Far as I know (and this could be mistaken) it is the exact moment of the Grand Alignment of the Sun and the center of the galaxy as foretold by Mayan tradition and backed up by modern astonomy. If that's the case, then 11:11 GMT would be 5:11 AM here in the Central US, so we've timed our "doomsday party" for that time. Breakfast, champagne, a day off work. Should be fun, anyway.

----------


## Lady Dunsany

Chocolate must be added to the list.

----------


## Grahf

I don't put too much stock in things like that. I've heard people claim they look up at 1:11, 11:11, 2:22, 3:33, 4:44, 5:55, all those happy numbers. It's not my place to tell you what to believe but I myself don't put too much stock in it. I personally have never looked at a clock, seen 11:11 and thought "Hey, that's significant." Perhaps that's why.

----------


## d&g

Here is what happened to me some time ago which gave me the creeps. 

I was listening to an audio book by some fiction writer who writes a lot on mystical subjects. The story was called "Numbers" and was about a fictional character who discovers the influence of numbers in his life. The audio was in mp3 format and I used my laptop to listen to it. 
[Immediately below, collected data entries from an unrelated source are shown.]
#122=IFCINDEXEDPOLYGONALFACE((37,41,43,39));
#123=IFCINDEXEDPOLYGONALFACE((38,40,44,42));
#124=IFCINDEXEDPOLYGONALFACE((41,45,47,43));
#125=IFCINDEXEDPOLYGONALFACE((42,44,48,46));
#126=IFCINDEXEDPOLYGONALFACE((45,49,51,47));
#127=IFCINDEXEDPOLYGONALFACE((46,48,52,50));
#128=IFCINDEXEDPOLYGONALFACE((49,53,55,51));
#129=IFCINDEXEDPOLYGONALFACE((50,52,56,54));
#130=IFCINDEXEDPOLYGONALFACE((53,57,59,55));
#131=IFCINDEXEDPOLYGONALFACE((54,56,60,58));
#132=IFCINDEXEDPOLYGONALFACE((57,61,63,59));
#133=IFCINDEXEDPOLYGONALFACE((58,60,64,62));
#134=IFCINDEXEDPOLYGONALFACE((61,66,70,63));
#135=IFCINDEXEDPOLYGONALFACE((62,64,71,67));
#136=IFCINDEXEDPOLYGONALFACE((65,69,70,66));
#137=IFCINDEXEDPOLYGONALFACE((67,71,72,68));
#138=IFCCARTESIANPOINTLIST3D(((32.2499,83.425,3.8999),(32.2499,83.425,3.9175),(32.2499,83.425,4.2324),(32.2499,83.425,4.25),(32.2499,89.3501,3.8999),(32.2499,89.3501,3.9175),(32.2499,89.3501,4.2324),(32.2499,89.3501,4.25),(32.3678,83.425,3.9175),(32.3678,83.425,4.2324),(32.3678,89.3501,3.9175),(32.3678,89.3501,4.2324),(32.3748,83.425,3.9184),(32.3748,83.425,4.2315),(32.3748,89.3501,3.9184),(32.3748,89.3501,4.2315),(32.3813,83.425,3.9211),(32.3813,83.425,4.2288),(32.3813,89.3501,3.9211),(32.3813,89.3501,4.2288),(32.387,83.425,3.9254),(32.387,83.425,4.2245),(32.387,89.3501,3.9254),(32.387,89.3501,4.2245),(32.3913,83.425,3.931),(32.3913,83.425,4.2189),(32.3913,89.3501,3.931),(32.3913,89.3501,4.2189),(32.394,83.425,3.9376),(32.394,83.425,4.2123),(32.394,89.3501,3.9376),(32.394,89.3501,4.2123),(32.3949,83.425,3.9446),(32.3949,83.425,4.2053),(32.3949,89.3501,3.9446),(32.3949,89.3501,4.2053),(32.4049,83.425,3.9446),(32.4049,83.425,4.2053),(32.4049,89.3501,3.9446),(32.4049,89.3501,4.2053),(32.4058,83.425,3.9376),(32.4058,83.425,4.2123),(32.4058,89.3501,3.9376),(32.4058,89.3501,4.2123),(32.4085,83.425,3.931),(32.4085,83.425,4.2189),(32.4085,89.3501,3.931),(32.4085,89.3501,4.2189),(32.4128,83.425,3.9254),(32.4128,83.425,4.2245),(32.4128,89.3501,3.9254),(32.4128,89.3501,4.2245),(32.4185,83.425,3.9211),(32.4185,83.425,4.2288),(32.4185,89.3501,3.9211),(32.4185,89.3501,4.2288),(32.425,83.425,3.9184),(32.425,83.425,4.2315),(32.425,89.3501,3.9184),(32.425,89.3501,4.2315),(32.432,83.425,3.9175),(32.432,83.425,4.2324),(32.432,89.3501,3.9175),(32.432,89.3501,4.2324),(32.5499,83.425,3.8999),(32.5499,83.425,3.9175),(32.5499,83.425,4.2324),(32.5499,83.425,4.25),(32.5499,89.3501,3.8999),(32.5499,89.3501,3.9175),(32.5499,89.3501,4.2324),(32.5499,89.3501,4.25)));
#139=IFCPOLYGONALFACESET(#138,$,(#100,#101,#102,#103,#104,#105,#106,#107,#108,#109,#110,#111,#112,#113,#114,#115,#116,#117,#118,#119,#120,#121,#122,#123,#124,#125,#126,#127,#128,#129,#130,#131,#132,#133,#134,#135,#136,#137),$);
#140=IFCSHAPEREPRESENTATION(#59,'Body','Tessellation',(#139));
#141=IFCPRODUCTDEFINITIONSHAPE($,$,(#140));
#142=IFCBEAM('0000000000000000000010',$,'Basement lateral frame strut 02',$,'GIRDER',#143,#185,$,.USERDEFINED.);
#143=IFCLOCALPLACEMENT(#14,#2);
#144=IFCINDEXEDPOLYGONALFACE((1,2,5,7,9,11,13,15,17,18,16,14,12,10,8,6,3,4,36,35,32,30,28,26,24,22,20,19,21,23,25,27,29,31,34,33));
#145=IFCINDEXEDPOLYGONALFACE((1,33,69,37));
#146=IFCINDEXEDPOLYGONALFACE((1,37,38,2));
So, there was I sitting in front of my lappy, listening. The author was reading - "Now, to the enemy number 43 another ally was added - the devious number 29." As he said "43" I happened to glance at my lappy's clock, which said 7:43 pm. And as he said "29" I glanced to the side and my eyes fell on my table calendar, which said "29, december". Now that was weird! I was completely flabergasted when I glanced at the audio time on the Windows Media Player and it was on the 43d minute into the audio track.

All of this just makes it very clear to me that reality is just patterns of numbers - sometimes you get glimpses into these patterns and realize that if you could expand your consciousness you would not see any randomness in the world (as I am writing this - my computer clock says 14:11, which is the variation on the current number for me). All events and manifestations are harmonic vibrations of the Absolute within the Absolute.

----------


## redhand

You are not alone many people have reported seeing this also:

 Master numbers accentuate the meanings of the single digits, and for that reason they are considered to be the most powerful vibrations. They symbolize the expansion of consciousness through a series of steps or illuminations as growth takes place, until the ultimate of Christ Consciousness is attained. 
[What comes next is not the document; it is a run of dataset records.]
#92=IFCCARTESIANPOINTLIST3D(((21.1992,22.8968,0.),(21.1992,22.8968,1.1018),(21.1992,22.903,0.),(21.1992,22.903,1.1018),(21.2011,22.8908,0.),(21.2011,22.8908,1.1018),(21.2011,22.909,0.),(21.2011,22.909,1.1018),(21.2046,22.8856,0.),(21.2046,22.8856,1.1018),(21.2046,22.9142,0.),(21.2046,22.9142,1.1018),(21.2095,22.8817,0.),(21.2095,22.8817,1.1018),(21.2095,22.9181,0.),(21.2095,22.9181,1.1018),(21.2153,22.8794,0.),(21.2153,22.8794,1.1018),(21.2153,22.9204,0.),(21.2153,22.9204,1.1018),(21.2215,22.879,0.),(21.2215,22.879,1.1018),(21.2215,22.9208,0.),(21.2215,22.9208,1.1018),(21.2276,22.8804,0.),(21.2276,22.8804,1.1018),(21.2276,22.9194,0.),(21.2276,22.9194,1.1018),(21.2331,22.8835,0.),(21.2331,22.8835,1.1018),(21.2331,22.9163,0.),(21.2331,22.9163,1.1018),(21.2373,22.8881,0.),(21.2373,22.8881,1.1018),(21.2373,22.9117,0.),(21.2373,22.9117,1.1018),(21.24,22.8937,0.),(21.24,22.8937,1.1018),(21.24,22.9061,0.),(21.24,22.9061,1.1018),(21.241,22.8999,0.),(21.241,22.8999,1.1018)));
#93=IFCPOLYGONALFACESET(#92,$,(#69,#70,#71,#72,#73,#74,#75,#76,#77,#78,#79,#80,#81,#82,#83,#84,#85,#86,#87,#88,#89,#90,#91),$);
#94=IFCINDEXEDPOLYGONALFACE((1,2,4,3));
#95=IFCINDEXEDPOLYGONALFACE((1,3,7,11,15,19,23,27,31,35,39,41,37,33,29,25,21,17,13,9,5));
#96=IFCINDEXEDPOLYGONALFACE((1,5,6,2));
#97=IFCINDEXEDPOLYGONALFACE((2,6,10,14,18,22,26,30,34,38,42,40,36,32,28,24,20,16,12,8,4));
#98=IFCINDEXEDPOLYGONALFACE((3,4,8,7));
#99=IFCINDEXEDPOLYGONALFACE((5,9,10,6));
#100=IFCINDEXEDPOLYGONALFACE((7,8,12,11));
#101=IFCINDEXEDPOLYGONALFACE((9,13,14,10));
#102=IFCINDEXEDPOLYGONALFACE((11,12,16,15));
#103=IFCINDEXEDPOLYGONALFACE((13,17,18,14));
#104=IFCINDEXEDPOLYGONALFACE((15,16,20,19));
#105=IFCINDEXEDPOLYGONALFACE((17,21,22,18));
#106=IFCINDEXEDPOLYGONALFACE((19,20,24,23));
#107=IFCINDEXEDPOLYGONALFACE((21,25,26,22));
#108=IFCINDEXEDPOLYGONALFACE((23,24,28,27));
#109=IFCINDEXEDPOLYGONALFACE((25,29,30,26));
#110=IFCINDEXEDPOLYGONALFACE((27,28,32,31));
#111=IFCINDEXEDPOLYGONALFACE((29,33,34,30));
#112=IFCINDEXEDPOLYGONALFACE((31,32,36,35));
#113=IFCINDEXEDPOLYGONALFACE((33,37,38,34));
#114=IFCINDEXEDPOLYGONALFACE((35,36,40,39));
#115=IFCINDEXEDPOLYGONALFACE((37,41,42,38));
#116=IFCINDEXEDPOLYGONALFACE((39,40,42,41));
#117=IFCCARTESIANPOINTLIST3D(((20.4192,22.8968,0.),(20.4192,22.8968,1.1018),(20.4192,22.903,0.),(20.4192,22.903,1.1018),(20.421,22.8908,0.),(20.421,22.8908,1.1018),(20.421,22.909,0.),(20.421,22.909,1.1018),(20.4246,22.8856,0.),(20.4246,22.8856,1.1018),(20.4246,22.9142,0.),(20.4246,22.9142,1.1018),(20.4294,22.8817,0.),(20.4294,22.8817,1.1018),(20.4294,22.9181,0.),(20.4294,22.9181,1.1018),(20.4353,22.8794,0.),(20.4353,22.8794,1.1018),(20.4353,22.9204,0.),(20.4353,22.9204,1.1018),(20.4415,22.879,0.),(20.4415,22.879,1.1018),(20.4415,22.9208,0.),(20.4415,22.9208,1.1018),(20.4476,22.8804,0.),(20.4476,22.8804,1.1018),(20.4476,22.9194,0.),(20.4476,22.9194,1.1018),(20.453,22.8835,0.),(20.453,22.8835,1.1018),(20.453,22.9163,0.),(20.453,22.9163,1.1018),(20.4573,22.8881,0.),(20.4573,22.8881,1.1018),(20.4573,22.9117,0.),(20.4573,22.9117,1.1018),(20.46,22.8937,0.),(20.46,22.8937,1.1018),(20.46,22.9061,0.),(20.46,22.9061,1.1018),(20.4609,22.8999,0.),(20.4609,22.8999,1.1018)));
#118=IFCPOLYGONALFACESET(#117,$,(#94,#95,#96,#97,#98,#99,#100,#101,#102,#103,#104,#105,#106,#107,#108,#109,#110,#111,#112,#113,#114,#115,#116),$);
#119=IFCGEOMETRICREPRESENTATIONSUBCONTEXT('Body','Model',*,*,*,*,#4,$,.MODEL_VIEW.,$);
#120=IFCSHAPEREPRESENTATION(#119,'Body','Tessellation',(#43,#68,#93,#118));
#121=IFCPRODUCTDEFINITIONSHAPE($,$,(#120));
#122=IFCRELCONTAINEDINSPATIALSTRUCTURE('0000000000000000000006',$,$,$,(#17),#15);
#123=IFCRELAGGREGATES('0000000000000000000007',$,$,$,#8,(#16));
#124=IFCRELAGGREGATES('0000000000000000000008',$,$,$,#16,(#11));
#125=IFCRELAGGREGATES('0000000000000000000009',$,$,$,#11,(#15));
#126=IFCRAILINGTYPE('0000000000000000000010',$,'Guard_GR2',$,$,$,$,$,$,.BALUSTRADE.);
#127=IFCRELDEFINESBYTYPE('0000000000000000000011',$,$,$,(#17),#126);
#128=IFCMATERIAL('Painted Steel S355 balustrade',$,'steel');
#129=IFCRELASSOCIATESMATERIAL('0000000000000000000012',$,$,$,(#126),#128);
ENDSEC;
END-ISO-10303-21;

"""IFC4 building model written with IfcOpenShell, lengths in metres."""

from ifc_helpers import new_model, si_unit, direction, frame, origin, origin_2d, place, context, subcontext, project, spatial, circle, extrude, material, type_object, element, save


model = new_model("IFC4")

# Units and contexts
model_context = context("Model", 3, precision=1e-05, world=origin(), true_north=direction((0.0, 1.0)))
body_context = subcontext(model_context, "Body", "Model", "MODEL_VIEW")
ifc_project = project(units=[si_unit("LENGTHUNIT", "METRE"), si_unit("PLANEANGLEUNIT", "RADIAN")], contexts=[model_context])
Pythagorus said, "Eleven is the number of a cycle of new beginnings." 

 When the forces of the Eleven become fully operative in people, they have the power to change their environments, to create new conditions, to build new bodies and new lives, all in harmony with the Divine Image in whose likeness they were fashioned in the beginning. 

111 or 1111 Energy flow of water, money, sex, kundalini, magnetic It happens when one of these energies manifests.

Whenever you see the sequence 111 or 1111 show up, it is a great sign of a golden opportunity. Both sequences mean that a "doorway" has opened up in which your intentions and goals will manifest extremely quickly.

----------


## d&g

> Pythagorus said, "Eleven is the number of a cycle of new beginnings."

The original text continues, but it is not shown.